A cela s'ajoute que le caractère d'urgence doit aussi être nié en raison du laps de temps écoulé entre la soi-disant découverte du nodule et l'opération. La recourante justifie cette circonstance par son souhait d'attendre la venue de son époux depuis Paris, ce qui démontre bien qu'il n'y avait pas urgence au sens de la jurisprudence.
b) A l'aune de ce qui précède, il doit être tenu pour établi au degré de la vraisemblance prépondérante, que les interventions pratiquées en Thaïlande sur la personne de la recourante du 27 juin au 29 juillet 2010 selon factures justificatives produites, constituaient des prestations pouvant être fournies en Suisse et qui n'ont pas été exécutées dans l'urgence, au sens de l'art. 36 al. 1 et 2 OAMal.
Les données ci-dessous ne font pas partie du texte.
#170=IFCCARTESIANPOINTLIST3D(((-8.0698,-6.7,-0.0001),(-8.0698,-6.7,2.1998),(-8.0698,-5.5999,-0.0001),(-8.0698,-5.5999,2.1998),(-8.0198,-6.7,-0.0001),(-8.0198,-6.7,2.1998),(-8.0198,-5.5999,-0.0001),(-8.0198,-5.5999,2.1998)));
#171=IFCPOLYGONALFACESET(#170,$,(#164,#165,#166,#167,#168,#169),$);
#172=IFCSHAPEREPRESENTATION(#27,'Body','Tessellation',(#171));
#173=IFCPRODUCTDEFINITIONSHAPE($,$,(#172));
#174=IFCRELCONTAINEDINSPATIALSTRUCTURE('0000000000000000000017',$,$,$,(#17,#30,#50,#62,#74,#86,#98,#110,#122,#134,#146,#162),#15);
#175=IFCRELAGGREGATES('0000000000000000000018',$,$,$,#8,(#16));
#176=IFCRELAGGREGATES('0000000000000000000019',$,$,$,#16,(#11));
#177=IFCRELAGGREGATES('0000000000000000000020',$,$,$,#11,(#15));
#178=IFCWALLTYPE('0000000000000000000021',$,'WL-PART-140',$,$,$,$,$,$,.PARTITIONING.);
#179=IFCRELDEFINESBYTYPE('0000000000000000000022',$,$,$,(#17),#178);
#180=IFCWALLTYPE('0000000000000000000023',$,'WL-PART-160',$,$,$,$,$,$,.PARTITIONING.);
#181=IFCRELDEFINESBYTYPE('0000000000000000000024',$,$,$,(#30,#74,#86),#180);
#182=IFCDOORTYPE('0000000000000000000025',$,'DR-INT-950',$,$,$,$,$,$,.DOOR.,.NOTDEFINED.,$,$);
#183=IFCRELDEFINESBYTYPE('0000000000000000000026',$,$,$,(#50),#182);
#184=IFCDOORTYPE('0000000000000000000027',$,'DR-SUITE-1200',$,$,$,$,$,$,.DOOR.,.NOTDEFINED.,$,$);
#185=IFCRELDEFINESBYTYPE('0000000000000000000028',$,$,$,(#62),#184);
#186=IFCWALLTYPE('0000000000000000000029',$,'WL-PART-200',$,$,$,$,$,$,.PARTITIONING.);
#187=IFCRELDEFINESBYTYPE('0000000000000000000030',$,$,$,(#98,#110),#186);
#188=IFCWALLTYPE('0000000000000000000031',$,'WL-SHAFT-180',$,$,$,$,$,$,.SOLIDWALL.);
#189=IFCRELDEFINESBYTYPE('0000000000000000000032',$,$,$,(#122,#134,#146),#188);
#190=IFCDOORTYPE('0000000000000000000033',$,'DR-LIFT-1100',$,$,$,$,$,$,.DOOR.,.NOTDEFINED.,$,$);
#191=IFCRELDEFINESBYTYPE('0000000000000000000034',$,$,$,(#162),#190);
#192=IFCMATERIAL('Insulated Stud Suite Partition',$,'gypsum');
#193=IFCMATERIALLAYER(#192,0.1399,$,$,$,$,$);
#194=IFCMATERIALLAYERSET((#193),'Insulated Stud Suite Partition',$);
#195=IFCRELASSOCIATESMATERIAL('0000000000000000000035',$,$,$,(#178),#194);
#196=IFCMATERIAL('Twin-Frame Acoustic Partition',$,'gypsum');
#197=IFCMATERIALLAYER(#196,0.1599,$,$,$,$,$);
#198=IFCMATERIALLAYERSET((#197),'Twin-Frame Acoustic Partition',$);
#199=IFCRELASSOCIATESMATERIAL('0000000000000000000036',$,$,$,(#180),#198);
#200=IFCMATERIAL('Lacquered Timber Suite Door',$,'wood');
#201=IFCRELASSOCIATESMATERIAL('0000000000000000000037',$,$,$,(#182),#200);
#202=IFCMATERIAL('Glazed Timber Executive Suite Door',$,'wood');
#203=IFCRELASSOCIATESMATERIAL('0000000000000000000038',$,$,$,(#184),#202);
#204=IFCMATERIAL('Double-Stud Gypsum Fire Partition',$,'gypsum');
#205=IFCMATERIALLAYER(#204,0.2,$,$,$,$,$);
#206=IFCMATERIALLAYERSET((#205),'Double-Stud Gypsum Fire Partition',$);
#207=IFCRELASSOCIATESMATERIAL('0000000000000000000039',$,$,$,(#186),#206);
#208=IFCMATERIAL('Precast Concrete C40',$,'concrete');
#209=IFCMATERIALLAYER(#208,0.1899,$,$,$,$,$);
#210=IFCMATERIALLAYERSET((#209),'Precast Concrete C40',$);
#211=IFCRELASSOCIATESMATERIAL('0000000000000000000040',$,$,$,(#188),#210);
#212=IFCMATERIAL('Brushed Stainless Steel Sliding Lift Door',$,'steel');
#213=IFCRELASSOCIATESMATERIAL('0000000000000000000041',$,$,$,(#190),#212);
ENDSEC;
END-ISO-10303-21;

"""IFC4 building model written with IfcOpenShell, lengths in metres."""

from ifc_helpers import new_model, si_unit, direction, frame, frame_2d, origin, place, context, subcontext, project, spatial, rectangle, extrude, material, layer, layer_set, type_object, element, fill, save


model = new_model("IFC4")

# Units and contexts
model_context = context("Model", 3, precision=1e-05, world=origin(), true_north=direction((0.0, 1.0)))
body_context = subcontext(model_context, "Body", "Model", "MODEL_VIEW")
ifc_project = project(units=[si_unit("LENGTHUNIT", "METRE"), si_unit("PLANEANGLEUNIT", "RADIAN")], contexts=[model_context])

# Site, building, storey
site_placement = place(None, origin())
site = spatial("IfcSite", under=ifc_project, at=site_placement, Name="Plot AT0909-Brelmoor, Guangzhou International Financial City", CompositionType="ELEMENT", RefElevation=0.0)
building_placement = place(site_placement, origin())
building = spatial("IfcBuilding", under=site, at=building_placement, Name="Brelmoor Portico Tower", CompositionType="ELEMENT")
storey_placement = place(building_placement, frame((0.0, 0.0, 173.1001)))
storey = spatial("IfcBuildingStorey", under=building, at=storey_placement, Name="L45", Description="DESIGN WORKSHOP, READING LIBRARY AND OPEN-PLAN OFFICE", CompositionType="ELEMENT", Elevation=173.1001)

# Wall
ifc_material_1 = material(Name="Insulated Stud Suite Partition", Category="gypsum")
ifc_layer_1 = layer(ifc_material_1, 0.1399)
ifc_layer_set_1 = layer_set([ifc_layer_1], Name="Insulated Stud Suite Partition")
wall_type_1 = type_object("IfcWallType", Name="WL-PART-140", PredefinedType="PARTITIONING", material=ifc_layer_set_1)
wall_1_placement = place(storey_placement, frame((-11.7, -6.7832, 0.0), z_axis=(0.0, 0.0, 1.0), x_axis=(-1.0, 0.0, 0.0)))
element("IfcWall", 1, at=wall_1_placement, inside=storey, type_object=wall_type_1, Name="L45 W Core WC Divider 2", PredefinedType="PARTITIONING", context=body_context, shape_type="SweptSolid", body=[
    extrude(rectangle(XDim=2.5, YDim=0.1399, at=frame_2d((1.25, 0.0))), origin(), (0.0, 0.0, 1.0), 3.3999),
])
Les éléments avancés par la recourante pour justifier la prise en charge par l'intimée des coûts des frais médicaux effectués en Thaïlande ne s'avèrent pas suffisants. Partant, la caisse intimée n'a pas à prendre en charge, au titre de l'assurance obligatoire des soins, les traitements médicaux reçus en Thaïlande de juin à juillet 2010.
a) Il résulte de ce qui précède que la décision sur opposition du 4 juillet 2011, par laquelle la R.________ SA a confirmé son refus de prise en charge des frais médicaux de la recourante durant son séjour en Thaïlande au titre de l'assurance obligatoire des soins, échappe à la critique. Le recours doit ainsi être rejeté et la décision attaquée confirmée.
b) S'agissant des frais et dépens (art. 91 LPA-VD applicable par renvoi de l'art. 99 LPA-VD), il n'y a pas lieu de percevoir de frais judiciaires, la procédure étant gratuite (art. 61 let. a LPGA), ni d'allouer de dépens, la recourante n'obtenant pas gain de cause (art. 55 LPA-VD; cf. art. 61 let. g LPGA).
Par ces motifs, le juge unique prononce :
I. Le recours est rejeté.
II. La décision sur opposition rendue le 4 juillet 2011 par la R.________ SA est confirmée.
III. Il n'est pas perçu de frais de justice ni alloué de dépens.
Le juge unique : Le greffier : Du
L'arrêt qui précède est notifié à :
Office fédéral de la santé publique (OFSP),
par l'envoi de photocopies.
Le présent arrêt peut faire l'objet d'un recours en matière de droit public devant le Tribunal fédéral au sens des art. 82 ss LTF (loi du 17 juin 2005 sur le Tribunal fédéral, RS 173.110), cas échéant d'un recours constitutionnel subsidiaire au sens des art. 113 ss LTF. Ces recours doivent être déposés devant le Tribunal fédéral (Schweizerhofquai 6, 6004 Lucerne) dans les trente jours qui suivent la présente notification (art. 100 al. 1 LTF).